Second homology group of perfect group knowing its cohomology

Question

Is it true that, if $G$ is a finitely generated (infinite) perfect group with $H^2(G)\simeq \mathbb{Z} \times \mathbb{Z}$, then $H_2(G) \simeq \mathbb{Z} \times \mathbb{Z}$?

My thoughts:

By the Universal Coefficients Theorem, we know that $H_2(G)$ has rank 2, so it is isomorphic to $ \mathbb{Z}^2 \oplus T$, where $T$ is the torsion part. Moreover, since $G$ is perfect, we have that $H_1(G) \simeq 0$, and so for every $\mathbb{Z}$-module $A$ thanks to the Universal Coefficients Theorem we have an isomorphism $H^2(G; A) \simeq {\rm Hom}_{\mathbb{Z}}(H_2(G), A)$. If $T \neq 0$, there exists a prime $p$ such that $H^2(G, \mathbb{Z}_p) \simeq {\rm Hom}_{\mathbb{Z}}(H_2(G), \mathbb{Z}_p)\neq 0$.

I don't know how to procede from this point.
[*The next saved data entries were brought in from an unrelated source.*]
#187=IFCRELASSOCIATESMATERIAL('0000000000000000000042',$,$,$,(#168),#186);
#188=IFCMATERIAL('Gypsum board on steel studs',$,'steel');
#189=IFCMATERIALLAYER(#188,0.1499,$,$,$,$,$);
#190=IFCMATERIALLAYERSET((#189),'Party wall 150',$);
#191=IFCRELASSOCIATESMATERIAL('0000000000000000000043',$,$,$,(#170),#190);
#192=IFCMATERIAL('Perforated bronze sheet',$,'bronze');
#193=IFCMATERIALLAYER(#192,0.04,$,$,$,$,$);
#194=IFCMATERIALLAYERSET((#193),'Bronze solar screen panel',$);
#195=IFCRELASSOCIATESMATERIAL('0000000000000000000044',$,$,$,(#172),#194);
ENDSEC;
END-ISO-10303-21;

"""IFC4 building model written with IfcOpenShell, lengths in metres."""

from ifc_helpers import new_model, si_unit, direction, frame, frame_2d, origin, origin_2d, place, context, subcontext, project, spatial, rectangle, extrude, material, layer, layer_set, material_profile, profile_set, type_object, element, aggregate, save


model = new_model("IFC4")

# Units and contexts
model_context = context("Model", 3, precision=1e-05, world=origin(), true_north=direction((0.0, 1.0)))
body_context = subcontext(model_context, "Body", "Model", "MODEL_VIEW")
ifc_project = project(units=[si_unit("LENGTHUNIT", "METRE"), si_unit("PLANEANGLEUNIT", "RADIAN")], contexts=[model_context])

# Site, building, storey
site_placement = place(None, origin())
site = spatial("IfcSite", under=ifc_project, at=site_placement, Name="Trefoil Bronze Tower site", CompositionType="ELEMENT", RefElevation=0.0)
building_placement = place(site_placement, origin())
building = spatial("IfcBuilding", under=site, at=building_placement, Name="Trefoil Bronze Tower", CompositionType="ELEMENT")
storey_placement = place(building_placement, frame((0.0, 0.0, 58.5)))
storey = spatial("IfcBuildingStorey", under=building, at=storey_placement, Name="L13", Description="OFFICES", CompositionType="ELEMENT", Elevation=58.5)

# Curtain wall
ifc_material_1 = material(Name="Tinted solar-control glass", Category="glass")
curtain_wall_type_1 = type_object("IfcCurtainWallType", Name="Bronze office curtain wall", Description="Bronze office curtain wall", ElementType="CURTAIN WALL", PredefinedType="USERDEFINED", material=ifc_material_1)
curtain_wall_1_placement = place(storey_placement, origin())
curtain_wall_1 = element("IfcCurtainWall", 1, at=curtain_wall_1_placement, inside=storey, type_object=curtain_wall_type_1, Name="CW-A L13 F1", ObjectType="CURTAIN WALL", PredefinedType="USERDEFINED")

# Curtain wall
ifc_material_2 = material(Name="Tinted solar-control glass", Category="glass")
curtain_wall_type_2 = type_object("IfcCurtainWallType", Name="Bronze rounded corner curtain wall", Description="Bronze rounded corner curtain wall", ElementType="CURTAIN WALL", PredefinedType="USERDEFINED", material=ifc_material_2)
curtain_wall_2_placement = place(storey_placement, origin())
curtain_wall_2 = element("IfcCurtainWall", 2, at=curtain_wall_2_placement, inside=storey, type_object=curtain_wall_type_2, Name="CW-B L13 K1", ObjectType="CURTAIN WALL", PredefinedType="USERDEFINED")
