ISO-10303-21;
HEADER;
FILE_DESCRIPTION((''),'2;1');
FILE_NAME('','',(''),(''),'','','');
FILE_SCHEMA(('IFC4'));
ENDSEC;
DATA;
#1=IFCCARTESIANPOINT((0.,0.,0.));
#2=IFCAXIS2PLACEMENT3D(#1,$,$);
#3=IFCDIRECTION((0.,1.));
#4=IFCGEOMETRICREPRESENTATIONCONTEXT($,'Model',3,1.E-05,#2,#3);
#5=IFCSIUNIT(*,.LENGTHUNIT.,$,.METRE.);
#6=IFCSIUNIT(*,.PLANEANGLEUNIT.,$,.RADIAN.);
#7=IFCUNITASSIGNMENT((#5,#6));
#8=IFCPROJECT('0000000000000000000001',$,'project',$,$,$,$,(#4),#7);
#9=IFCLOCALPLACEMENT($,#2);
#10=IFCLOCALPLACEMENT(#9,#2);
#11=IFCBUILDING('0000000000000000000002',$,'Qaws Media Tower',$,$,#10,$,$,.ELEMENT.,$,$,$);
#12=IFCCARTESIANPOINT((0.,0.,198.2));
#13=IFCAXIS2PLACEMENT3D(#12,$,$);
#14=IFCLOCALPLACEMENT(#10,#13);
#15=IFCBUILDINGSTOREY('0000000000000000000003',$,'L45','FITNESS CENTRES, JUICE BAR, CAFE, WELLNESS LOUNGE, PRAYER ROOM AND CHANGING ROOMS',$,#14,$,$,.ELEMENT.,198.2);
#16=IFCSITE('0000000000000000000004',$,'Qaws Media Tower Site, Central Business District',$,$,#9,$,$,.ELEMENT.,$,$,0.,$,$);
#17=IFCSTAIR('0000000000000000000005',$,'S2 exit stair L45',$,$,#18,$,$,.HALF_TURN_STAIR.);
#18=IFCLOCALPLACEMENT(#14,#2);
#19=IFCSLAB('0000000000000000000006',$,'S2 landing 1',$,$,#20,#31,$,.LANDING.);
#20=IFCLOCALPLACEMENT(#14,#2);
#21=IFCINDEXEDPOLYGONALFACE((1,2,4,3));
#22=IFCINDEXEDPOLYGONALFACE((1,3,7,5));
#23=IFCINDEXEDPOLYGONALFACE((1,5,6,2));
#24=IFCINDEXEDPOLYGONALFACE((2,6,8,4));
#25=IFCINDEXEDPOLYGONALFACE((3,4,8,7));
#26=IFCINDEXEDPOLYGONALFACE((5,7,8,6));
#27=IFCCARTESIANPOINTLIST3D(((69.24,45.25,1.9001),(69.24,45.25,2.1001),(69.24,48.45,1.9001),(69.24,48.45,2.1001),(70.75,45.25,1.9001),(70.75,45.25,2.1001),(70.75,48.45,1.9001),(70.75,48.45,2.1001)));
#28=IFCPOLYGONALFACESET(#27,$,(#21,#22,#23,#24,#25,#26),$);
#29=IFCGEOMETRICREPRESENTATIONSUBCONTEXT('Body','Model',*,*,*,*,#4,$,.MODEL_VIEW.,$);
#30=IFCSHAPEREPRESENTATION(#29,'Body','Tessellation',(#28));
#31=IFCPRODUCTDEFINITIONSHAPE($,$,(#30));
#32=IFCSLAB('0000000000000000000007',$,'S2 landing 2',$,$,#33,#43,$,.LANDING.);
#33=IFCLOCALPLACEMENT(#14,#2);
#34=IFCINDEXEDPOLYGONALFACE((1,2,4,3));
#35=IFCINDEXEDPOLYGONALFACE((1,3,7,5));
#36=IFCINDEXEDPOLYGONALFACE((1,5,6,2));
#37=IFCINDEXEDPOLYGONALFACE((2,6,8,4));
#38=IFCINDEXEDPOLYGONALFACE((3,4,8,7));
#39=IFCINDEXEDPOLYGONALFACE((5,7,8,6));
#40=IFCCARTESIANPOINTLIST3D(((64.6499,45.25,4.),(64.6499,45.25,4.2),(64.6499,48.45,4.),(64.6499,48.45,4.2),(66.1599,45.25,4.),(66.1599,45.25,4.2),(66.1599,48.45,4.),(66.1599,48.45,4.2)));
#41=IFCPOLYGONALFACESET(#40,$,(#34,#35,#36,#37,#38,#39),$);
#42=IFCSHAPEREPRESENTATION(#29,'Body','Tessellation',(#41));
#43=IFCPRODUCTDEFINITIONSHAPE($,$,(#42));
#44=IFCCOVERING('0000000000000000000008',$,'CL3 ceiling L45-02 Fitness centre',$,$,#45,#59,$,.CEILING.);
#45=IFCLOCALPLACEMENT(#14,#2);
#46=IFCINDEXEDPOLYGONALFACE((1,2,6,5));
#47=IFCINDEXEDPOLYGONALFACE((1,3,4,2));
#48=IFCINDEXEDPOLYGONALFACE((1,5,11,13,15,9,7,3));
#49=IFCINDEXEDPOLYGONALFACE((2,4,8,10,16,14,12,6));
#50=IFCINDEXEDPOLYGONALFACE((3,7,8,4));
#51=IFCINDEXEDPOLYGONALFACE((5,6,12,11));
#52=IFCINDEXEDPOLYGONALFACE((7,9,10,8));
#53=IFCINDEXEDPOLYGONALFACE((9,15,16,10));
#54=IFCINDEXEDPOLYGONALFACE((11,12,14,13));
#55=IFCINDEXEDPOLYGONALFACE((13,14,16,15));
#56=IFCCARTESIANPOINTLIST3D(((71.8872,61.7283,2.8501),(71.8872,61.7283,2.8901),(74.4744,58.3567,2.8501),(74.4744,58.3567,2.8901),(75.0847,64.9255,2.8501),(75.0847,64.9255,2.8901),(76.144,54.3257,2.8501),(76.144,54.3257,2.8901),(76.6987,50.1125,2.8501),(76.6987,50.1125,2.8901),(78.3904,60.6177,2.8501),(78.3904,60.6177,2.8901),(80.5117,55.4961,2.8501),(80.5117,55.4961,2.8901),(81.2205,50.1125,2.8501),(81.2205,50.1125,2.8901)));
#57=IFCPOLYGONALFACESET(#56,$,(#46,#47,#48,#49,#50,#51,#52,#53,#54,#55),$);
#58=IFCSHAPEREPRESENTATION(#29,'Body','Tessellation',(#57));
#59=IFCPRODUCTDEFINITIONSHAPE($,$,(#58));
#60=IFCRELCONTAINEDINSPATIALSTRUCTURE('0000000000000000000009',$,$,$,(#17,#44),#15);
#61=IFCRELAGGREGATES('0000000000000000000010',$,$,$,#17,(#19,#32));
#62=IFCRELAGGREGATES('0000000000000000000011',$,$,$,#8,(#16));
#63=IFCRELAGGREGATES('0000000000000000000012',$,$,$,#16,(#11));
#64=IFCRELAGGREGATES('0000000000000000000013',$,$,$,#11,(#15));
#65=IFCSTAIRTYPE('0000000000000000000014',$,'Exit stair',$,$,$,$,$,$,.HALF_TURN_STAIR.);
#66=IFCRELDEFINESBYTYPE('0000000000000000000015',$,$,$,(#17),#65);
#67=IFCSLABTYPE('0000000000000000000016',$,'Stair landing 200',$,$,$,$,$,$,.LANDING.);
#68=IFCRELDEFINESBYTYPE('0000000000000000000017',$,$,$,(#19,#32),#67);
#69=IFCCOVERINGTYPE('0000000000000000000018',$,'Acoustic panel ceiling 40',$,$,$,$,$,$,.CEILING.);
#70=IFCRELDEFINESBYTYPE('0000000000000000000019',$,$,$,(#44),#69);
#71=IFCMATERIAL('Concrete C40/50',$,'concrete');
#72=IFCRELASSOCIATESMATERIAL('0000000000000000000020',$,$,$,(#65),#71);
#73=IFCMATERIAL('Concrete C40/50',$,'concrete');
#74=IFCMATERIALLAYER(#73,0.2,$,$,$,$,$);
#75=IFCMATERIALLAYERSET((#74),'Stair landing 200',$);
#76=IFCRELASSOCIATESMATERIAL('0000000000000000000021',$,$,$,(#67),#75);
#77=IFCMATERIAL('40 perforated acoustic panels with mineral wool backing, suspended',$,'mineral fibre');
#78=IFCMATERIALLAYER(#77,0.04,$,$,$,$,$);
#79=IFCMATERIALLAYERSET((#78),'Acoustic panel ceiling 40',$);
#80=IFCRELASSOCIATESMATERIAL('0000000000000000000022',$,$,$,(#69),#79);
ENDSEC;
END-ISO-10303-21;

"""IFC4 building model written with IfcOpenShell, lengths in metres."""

from ifc_helpers import new_model, si_unit, direction, frame, origin, place, context, subcontext, project, spatial, polyline, outline, extrude, material, layer, layer_set, type_object, element, aggregate, save


model = new_model("IFC4")

# Units and contexts
model_context = context("Model", 3, precision=1e-05, world=origin(), true_north=direction((0.0, 1.0)))
body_context = subcontext(model_context, "Body", "Model", "MODEL_VIEW")
ifc_project = project(units=[si_unit("LENGTHUNIT", "METRE"), si_unit("PLANEANGLEUNIT", "RADIAN")], contexts=[model_context])

# Site, building, storey
site_placement = place(None, origin())
site = spatial("IfcSite", under=ifc_project, at=site_placement, Name="Qaws Media Tower Site, Central Business District", CompositionType="ELEMENT", RefElevation=0.0)
building_placement = place(site_placement, origin())
building = spatial("IfcBuilding", under=site, at=building_placement, Name="Qaws Media Tower", CompositionType="ELEMENT")
storey_placement = place(building_placement, frame((0.0, 0.0, 198.2)))
storey = spatial("IfcBuildingStorey", under=building, at=storey_placement, Name="L45", Description="FITNESS CENTRES, JUICE BAR, CAFE, WELLNESS LOUNGE, PRAYER ROOM AND CHANGING ROOMS", CompositionType="ELEMENT", Elevation=198.2)

# Stair, slabs
ifc_material_1 = material(Name="Concrete C40/50", Category="concrete")
stair_type = type_object("IfcStairType", Name="Exit stair", PredefinedType="HALF_TURN_STAIR", material=ifc_material_1)
ifc_material_2 = material(Name="Concrete C40/50", Category="concrete")
ifc_layer_1 = layer(ifc_material_2, 0.2)
ifc_layer_set_1 = layer_set([ifc_layer_1], Name="Stair landing 200")
slab_type = type_object("IfcSlabType", Name="Stair landing 200", PredefinedType="LANDING", material=ifc_layer_set_1)
stair_1_placement = place(storey_placement, origin())
stair_1 = element("IfcStair", 1, at=stair_1_placement, inside=storey, type_object=stair_type, Name="S2 exit stair L45", PredefinedType="HALF_TURN_STAIR")
slab_1_placement = place(storey_placement, frame((0.0, 0.0, 1.9001)))
slab_1 = element("IfcSlab", 2, at=slab_1_placement, type_object=slab_type, Name="S2 landing 1", PredefinedType="LANDING", context=body_context, shape_type="SweptSolid", body=[
    extrude(outline(polyline([(69.24, 45.25), (70.75, 45.25), (70.75, 48.45), (69.24, 48.45), (69.24, 45.25)])), origin(), (0.0, 0.0, 1.0), 0.2),
])
slab_2_placement = place(storey_placement, frame((0.0, 0.0, 4.0)))
slab_2 = element("IfcSlab", 3, at=slab_2_placement, type_object=slab_type, Name="S2 landing 2", PredefinedType="LANDING", context=body_context, shape_type="SweptSolid", body=[
    extrude(outline(polyline([(64.6499, 45.25), (66.1599, 45.25), (66.1599, 48.45), (64.6499, 48.45), (64.6499, 45.25)])), origin(), (0.0, 0.0, 1.0), 0.2),
])
aggregate(stair_1, [slab_1, slab_2])

# Covering
ifc_material_3 = material(Name="40 perforated acoustic panels with mineral wool backing, suspended", Category="mineral fibre")
ifc_layer_2 = layer(ifc_material_3, 0.04)
ifc_layer_set_2 = layer_set([ifc_layer_2], Name="Acoustic panel ceiling 40")
covering_type_1 = type_object("IfcCoveringType", Name="Acoustic panel ceiling 40", PredefinedType="CEILING", material=ifc_layer_set_2)
covering_1_placement = place(storey_placement, frame((0.0, 0.0, 2.8501)))
element("IfcCovering", 4, at=covering_1_placement, inside=storey, type_object=covering_type_1, Name="CL3 ceiling L45-02 Fitness centre", PredefinedType="CEILING", context=body_context, shape_type="SweptSolid", body=[
    extrude(outline(polyline([(78.3904, 60.6177), (80.5117, 55.4961), (81.2205, 50.1125), (76.6987, 50.1125), (76.144, 54.3257), (74.4744, 58.3567), (71.8872, 61.7283), (75.0847, 64.9255), (78.3904, 60.6177)])), origin(), (0.0, 0.0, 1.0), 0.04),
])

save(model, "model.ifc")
Maybe I need some additional hypothesis?

Thanks in advance.

(Where not specified, I work with integer coefficients).

Answer 1

Since $\mathbb Z/p$ is finitely generated, you actually have another "universal coefficients" formula, for $H^2(G,\mathbb Z/p)$ :

following what is discussed here, we get a short exact sequence $0\to H^2(G)\otimes \mathbb Z/p\to H^2(G,\mathbb Z/p)\to \mathrm{Tor}^\mathbb Z_1(H^1(G),\mathbb Z/p)\to 0$

(use $A= $ the usual chain complex that is used to define group (co)homology, so either the standard complex, or the singular chain complex of $BG$, ..., $M=\mathbb Z$, $B= \mathbb Z$ in degree $0$ and $N= \mathbb Z/p$)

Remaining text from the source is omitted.